Escalamos, atravesando el aire pastel, hasta el otro lado de la tundra, los
mosquitos saltaban, más y más ligeros, más y más felices, hasta la pálida noche
en cuyo borde flotaba el sol. Por qué no recordar el dormir tan bien como los
sueños. Por qué no escribir con una identidad desatada y fluidez geográfica.

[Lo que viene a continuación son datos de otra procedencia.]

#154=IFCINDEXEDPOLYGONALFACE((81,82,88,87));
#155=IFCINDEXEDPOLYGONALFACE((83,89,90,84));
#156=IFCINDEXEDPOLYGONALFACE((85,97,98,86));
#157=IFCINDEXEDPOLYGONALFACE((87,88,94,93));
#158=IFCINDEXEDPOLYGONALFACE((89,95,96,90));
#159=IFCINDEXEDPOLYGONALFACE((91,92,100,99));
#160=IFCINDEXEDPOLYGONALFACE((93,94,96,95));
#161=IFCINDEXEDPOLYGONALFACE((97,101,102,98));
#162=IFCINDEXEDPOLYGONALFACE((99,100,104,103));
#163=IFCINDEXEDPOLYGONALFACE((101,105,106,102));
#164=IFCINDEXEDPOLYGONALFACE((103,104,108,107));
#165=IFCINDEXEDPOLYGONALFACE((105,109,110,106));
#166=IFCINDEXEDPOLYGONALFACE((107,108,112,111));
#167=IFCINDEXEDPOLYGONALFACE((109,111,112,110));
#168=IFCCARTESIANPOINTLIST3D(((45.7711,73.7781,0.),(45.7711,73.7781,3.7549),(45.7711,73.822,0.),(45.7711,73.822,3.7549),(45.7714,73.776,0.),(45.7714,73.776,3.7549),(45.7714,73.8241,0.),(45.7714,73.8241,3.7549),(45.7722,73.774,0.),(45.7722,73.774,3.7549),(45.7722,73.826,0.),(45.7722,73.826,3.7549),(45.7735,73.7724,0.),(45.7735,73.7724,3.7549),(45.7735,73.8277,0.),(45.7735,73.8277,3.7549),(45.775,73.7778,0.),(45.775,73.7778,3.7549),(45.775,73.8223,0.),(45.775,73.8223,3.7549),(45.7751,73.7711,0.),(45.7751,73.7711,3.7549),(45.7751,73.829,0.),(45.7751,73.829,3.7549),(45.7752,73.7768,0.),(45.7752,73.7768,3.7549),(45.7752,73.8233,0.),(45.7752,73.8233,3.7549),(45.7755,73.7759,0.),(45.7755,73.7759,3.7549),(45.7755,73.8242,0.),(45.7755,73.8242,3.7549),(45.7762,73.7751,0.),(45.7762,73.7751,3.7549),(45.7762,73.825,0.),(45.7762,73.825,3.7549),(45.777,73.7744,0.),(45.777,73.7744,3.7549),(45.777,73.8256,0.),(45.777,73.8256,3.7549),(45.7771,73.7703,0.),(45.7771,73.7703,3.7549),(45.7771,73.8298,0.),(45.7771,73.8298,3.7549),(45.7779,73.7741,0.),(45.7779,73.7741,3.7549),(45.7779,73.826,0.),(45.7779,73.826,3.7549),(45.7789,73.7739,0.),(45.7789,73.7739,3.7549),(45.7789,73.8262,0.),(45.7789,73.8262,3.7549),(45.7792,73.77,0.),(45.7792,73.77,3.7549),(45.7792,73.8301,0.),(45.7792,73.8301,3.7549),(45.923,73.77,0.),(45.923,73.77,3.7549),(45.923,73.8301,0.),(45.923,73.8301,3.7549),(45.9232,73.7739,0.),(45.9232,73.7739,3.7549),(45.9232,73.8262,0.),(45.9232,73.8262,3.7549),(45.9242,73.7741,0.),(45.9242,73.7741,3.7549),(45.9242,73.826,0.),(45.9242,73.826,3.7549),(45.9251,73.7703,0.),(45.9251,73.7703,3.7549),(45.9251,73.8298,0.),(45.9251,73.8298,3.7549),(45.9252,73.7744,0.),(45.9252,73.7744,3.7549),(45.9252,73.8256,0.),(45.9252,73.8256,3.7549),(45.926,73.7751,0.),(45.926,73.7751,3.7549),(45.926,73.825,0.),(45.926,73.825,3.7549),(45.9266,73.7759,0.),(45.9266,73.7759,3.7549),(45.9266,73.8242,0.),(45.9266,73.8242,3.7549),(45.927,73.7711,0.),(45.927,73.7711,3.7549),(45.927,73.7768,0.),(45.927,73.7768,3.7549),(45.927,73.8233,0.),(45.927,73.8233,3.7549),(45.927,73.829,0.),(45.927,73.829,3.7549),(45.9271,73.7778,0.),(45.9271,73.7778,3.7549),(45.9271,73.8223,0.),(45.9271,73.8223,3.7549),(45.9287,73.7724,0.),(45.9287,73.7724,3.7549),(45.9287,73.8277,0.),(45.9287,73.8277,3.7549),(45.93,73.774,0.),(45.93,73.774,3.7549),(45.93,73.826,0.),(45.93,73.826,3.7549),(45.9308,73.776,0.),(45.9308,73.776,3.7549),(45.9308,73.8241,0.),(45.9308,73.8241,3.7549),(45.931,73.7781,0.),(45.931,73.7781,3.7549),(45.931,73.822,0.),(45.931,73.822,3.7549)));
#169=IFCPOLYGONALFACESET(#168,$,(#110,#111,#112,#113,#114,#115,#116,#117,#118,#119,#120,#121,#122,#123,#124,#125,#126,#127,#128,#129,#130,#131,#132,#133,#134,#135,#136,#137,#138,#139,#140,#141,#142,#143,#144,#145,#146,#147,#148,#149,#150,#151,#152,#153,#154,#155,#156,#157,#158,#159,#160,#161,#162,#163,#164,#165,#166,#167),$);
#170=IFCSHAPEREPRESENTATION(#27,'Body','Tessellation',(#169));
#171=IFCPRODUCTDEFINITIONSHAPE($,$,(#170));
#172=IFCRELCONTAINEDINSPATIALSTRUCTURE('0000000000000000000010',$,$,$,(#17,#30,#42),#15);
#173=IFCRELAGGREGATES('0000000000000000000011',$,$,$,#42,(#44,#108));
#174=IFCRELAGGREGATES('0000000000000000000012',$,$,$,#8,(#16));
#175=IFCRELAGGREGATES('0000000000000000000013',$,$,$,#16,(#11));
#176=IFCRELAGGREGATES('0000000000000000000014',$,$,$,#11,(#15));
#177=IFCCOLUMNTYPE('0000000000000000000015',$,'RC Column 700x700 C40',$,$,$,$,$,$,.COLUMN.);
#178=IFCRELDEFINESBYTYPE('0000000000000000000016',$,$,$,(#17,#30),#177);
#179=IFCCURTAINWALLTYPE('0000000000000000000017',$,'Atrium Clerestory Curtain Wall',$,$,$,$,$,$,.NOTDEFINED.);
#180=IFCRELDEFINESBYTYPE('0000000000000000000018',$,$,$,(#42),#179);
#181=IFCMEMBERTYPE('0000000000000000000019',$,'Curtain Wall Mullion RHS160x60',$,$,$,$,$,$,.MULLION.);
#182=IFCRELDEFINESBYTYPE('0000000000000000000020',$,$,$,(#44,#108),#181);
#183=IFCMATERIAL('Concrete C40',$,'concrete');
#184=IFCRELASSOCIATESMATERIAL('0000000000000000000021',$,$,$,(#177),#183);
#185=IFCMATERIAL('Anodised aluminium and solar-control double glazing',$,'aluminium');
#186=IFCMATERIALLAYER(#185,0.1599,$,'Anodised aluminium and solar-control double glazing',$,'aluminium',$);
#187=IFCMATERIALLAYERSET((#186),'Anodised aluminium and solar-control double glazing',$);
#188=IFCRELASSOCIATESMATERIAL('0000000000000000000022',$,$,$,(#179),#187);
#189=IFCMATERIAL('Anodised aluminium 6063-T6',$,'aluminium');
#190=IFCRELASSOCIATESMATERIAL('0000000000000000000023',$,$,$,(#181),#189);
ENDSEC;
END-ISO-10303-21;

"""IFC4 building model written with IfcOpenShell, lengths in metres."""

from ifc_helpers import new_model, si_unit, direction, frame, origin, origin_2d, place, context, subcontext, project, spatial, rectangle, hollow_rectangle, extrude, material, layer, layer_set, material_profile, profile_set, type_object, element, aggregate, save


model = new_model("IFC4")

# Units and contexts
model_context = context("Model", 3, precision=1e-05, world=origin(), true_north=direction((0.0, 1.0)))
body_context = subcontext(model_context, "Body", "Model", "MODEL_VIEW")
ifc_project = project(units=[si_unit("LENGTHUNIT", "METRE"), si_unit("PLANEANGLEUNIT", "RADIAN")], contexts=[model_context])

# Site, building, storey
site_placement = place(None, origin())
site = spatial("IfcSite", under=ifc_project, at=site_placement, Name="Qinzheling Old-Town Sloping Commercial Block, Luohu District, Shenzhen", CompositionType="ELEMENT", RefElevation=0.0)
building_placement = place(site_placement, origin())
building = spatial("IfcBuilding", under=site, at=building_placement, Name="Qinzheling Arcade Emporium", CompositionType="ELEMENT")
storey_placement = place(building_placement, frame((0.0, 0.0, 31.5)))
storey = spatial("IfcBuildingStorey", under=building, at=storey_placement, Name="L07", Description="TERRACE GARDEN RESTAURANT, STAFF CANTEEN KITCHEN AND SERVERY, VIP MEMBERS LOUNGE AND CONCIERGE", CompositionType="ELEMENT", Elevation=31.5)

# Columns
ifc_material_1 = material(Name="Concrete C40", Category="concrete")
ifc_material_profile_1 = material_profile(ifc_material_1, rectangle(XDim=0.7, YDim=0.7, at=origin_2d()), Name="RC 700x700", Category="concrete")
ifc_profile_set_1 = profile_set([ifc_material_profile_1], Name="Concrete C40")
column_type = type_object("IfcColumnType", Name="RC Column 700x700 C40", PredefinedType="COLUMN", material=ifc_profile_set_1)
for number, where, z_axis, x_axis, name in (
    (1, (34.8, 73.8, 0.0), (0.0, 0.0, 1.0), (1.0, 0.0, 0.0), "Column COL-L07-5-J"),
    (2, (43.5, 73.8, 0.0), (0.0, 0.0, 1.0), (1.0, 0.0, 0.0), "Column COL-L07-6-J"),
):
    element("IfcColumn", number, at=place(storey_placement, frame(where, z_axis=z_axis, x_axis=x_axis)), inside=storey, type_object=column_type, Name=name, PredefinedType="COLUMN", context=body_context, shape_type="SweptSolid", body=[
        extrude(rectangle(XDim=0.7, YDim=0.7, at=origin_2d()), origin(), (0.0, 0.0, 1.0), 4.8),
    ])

Oración por oración, todos estos esfuerzos (ir en círculos, emerger, dar placer
a través de varias fuentes), estos juicios y prolongaciones, cuyas curvas a
menudo se repiten, forman un todo que, a pesar de pausas momentáneas, sigue
entero por ángulos, sombras y partículas que obstruyen inclusive. Pero los años
no son pausas, no son rosas, y quién, pregunté, era el presidente de la nación
el año que Herman Melville escribió Moby Dick. No me acuerdo, dice alguien,
pero ella quiere decir que no sabe, no siente ningún vacío embrujado por el
ritmo de un nombre que no puede decir del todo, el querer que siente no está
provisto de un nombre, sino que es un querer saber, así que lo busca, la
próxima me voy a acordar, jura, pero un año más tarde no se acordó. No hay
secreto más profundo para la inmortalidad que el haber vivido.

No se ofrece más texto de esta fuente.